I am also attaching some pics of a Parsons Chameleon I was also lucky enough to keep. Just before CITES laws made it impossible for them to leave Madagascar. These chameleons grow to 3 foot in length and this male was close to that.


----------



## chameleon (Mar 15, 2006)

adorable..


----------



## chameleon (Mar 15, 2006)

is it true that you must provide running water in their enclosures?


----------



## southy (Mar 15, 2006)

lucky man, id love to keep on of them, maybe when the npws let us  (not trying to start a fight or any bitching i know they are illegal etc etc etc)


----------



## newtosnakes (Mar 15, 2006)

How tiny is that baby!!! So gorgeous!!


----------



## Morelia_Hunter (Mar 15, 2006)

Just need to be sprayed as they only lick water off leaves. They are some of the most difficult reptiles to maintain in captivity. It took me many years and lots of mistakes to perfect keeping them. Especially the more exotic rainforest species.


----------



## Rupes (Mar 15, 2006)

they so cute ohhhhhhh


----------



## southy (Mar 15, 2006)

is it true also that if they don't get proper uv their bones go all spastic "metorphorically speaking"


----------



## SLACkra (Mar 15, 2006)

ah chameleons my favorite lizards. if they were legal i would have a vieled chameleon again in a heart beat!
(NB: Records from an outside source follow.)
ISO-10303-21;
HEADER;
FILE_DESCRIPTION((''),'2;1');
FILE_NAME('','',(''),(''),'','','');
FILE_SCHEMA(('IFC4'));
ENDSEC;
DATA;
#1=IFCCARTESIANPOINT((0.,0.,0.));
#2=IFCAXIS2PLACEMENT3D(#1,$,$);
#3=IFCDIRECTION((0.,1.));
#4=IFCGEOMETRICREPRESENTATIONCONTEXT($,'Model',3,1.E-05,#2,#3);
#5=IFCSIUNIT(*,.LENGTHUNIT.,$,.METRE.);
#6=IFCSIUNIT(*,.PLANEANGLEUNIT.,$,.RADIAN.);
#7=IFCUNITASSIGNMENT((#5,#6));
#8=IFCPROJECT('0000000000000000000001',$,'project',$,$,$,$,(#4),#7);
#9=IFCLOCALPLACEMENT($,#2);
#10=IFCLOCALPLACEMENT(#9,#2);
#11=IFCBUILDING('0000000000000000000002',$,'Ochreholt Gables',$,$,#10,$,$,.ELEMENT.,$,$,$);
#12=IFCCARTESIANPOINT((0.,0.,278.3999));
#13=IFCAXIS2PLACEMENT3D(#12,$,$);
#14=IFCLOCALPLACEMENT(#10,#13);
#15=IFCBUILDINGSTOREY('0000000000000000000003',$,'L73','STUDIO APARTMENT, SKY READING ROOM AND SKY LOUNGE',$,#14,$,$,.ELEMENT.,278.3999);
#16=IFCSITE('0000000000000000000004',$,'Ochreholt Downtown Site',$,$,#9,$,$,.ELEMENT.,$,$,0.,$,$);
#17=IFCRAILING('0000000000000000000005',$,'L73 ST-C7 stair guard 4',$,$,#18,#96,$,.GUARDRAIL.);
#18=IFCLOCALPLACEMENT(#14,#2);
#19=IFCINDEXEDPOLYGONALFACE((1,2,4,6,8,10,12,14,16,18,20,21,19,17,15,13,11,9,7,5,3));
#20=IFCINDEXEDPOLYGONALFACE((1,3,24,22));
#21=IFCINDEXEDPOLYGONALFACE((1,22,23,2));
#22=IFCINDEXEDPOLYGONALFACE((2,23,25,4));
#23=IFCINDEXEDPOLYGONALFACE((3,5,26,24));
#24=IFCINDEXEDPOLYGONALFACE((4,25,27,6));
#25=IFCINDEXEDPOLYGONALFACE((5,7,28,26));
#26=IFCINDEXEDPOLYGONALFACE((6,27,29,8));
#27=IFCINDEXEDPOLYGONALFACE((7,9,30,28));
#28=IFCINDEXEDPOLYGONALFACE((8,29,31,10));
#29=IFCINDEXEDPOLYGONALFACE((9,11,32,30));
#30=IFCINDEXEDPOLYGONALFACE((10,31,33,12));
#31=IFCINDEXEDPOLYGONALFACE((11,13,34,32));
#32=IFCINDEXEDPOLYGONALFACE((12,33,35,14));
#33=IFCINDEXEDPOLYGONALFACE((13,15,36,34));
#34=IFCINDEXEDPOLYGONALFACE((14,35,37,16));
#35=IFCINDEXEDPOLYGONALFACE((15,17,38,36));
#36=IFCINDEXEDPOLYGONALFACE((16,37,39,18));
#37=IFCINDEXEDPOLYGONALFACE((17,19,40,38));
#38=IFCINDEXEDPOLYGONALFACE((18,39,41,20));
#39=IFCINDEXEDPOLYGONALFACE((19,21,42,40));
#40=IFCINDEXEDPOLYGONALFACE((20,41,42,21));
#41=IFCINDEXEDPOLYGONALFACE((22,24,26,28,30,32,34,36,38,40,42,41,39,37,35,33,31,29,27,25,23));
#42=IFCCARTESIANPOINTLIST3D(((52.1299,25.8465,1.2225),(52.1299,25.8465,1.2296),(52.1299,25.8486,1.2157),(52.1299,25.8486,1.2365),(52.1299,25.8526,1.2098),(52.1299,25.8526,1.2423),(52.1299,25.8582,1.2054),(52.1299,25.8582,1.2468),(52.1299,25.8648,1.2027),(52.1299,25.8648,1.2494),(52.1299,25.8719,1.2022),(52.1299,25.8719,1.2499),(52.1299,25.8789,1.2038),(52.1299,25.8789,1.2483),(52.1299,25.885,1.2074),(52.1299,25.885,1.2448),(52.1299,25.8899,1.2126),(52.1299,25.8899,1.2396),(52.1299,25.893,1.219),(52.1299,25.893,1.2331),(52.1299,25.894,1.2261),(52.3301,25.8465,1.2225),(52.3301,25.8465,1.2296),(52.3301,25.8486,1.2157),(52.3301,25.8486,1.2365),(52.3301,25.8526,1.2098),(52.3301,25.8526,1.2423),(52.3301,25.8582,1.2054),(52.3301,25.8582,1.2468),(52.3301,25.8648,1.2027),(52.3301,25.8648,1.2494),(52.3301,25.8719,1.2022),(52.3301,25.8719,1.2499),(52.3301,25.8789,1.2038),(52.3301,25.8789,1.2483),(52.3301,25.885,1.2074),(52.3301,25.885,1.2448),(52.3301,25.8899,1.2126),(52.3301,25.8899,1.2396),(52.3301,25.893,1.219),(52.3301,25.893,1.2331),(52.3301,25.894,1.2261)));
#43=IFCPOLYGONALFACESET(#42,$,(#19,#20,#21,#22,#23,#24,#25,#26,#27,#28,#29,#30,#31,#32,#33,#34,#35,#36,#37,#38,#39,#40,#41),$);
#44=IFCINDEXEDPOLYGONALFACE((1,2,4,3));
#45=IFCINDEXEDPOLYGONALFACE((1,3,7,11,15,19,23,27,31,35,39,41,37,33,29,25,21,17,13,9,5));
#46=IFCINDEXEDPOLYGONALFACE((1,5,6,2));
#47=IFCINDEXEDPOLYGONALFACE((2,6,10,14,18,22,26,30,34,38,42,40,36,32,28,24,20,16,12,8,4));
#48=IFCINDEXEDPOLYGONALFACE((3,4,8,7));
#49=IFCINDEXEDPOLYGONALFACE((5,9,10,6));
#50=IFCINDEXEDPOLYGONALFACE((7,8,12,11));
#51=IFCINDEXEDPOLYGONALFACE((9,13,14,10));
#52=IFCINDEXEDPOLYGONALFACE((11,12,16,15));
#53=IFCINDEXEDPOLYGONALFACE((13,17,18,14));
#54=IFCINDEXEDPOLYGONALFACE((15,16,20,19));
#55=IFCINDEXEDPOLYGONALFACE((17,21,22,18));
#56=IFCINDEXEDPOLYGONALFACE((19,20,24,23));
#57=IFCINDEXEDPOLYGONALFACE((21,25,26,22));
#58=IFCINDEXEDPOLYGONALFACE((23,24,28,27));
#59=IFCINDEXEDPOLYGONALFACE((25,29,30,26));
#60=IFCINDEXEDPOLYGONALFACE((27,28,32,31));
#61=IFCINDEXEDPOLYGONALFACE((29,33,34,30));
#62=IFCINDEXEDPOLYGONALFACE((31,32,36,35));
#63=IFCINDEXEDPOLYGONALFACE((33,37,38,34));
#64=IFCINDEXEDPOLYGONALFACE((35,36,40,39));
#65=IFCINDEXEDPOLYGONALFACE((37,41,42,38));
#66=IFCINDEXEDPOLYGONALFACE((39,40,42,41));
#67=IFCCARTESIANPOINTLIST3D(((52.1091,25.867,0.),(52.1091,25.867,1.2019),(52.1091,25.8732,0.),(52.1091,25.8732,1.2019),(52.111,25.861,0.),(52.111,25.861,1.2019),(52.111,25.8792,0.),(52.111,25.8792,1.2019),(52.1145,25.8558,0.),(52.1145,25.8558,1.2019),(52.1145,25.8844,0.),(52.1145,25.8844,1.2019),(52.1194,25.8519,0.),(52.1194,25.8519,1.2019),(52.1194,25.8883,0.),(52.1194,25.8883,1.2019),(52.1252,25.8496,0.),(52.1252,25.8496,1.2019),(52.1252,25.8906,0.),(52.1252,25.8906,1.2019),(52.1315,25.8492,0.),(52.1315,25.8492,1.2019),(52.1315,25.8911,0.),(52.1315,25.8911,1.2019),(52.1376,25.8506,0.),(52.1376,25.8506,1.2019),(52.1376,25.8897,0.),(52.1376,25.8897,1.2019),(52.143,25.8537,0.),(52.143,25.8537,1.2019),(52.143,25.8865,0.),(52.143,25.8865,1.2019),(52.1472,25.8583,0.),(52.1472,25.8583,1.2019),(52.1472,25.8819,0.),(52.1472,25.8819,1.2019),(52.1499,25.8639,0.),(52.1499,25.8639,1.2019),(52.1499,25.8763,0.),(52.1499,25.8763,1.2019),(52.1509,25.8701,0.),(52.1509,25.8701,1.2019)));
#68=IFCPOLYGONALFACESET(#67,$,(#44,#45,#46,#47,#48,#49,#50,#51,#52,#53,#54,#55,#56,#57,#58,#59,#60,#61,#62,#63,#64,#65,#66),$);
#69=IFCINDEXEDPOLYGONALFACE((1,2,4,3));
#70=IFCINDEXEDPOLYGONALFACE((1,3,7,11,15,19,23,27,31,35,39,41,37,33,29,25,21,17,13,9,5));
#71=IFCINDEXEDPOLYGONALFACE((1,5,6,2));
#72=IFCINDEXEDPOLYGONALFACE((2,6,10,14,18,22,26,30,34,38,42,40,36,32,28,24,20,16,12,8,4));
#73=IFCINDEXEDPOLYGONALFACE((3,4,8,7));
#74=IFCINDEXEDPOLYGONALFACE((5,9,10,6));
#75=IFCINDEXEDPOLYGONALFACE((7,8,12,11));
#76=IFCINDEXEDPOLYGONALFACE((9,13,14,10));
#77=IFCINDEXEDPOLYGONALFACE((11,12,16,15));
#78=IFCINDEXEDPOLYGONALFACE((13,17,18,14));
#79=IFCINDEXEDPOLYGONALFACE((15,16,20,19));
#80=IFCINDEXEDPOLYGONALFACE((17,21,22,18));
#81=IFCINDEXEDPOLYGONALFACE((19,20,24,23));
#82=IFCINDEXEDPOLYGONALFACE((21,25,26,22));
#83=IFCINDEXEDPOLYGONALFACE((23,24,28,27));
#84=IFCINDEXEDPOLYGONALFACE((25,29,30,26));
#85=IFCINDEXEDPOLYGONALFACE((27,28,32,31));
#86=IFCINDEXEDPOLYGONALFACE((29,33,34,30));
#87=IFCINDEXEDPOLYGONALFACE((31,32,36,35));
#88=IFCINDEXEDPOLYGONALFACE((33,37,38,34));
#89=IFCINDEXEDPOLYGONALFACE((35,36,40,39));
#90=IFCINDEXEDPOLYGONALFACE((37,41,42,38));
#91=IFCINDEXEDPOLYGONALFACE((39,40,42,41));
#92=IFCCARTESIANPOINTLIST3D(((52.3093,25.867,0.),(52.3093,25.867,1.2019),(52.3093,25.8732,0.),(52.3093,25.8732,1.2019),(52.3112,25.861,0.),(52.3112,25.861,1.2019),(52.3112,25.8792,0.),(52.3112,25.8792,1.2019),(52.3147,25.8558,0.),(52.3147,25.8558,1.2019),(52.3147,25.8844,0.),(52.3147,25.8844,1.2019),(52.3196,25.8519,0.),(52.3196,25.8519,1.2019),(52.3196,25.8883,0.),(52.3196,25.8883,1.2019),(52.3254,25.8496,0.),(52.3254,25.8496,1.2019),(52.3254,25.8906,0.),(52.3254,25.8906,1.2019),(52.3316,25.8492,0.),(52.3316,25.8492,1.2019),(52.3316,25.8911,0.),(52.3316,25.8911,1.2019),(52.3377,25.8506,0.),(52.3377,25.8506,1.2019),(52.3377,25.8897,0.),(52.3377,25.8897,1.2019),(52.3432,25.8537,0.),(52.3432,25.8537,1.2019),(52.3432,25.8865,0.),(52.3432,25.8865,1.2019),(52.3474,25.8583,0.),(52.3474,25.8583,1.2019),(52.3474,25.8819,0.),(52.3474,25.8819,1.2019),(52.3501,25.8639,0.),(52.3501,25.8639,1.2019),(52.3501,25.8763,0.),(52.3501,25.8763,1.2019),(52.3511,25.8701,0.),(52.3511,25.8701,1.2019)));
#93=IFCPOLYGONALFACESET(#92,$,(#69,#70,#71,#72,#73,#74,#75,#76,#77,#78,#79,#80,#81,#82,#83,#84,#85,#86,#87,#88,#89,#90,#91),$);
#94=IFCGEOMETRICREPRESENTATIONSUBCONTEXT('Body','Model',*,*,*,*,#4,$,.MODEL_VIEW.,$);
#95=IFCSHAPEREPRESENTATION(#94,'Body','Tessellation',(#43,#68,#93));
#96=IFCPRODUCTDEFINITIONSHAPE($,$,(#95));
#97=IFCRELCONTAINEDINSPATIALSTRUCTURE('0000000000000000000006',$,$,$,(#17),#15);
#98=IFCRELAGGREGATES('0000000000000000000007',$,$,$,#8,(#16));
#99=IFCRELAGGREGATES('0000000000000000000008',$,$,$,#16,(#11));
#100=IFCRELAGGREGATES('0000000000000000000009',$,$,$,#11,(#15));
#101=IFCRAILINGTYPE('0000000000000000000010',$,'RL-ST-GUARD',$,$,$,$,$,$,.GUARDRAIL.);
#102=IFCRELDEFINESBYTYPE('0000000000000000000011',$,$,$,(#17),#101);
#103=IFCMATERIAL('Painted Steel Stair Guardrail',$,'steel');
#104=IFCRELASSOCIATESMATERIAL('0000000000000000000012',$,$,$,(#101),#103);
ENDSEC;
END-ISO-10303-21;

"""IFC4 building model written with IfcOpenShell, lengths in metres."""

from ifc_helpers import new_model, si_unit, direction, frame, origin, origin_2d, place, context, subcontext, project, spatial, circle, extrude, material, type_object, element, save


model = new_model("IFC4")

# Units and contexts
model_context = context("Model", 3, precision=1e-05, world=origin(), true_north=direction((0.0, 1.0)))
body_context = subcontext(model_context, "Body", "Model", "MODEL_VIEW")
ifc_project = project(units=[si_unit("LENGTHUNIT", "METRE"), si_unit("PLANEANGLEUNIT", "RADIAN")], contexts=[model_context])

# Site, building, storey
site_placement = place(None, origin())
site = spatial("IfcSite", under=ifc_project, at=site_placement, Name="Ochreholt Downtown Site", CompositionType="ELEMENT", RefElevation=0.0)
building_placement = place(site_placement, origin())
building = spatial("IfcBuilding", under=site, at=building_placement, Name="Ochreholt Gables", CompositionType="ELEMENT")
storey_placement = place(building_placement, frame((0.0, 0.0, 278.3999)))
storey = spatial("IfcBuildingStorey", under=building, at=storey_placement, Name="L73", Description="STUDIO APARTMENT, SKY READING ROOM AND SKY LOUNGE", CompositionType="ELEMENT", Elevation=278.3999)

# Railing
ifc_material_1 = material(Name="Painted Steel Stair Guardrail", Category="steel")
railing_type_1 = type_object("IfcRailingType", Name="RL-ST-GUARD", PredefinedType="GUARDRAIL", material=ifc_material_1)
railing_1_placement = place(storey_placement, frame((52.1299, 25.8701, 0.0)))
element("IfcRailing", 1, at=railing_1_placement, inside=storey, type_object=railing_type_1, Name="L73 ST-C7 stair guard 4", PredefinedType="GUARDRAIL", context=body_context, shape_type="SweptSolid", body=[
    extrude(circle(Radius=0.0239, at=origin_2d()), frame((0.0, 0.0, 1.2261), z_axis=(1.0, 0.0, 0.0), x_axis=(0.0, 1.0, 0.0)), (0.0, 0.0, 1.0), 0.2002),
    extrude(circle(Radius=0.021, at=origin_2d()), origin(), (0.0, 0.0, 1.0), 1.2019),
    extrude(circle(Radius=0.021, at=origin_2d()), frame((0.2002, 0.0, 0.0)), (0.0, 0.0, 1.0), 1.2019),
])

save(model, "model.ifc")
> Just need to be sprayed as they only lick water off leaves. They are some of the most difficult reptiles to maintain in captivity. It took me many years and lots of mistakes to perfect keeping them. Especially the more exotic rainforest species.



ya thats what i ended up doing with my veiled. i would clip in romane lettuce leafs to the side of her cage then mist them. she loved her romane lettuce so it allowed me to make sure she was hydrated. 



> is it true also that if they don't get proper uv their bones go all spastic "metorphorically speaking"



yes, if i remember correctly insufficient uva/uvb causes bone deformaties. i kept my little girl under a desert type uva/uvb bulb. 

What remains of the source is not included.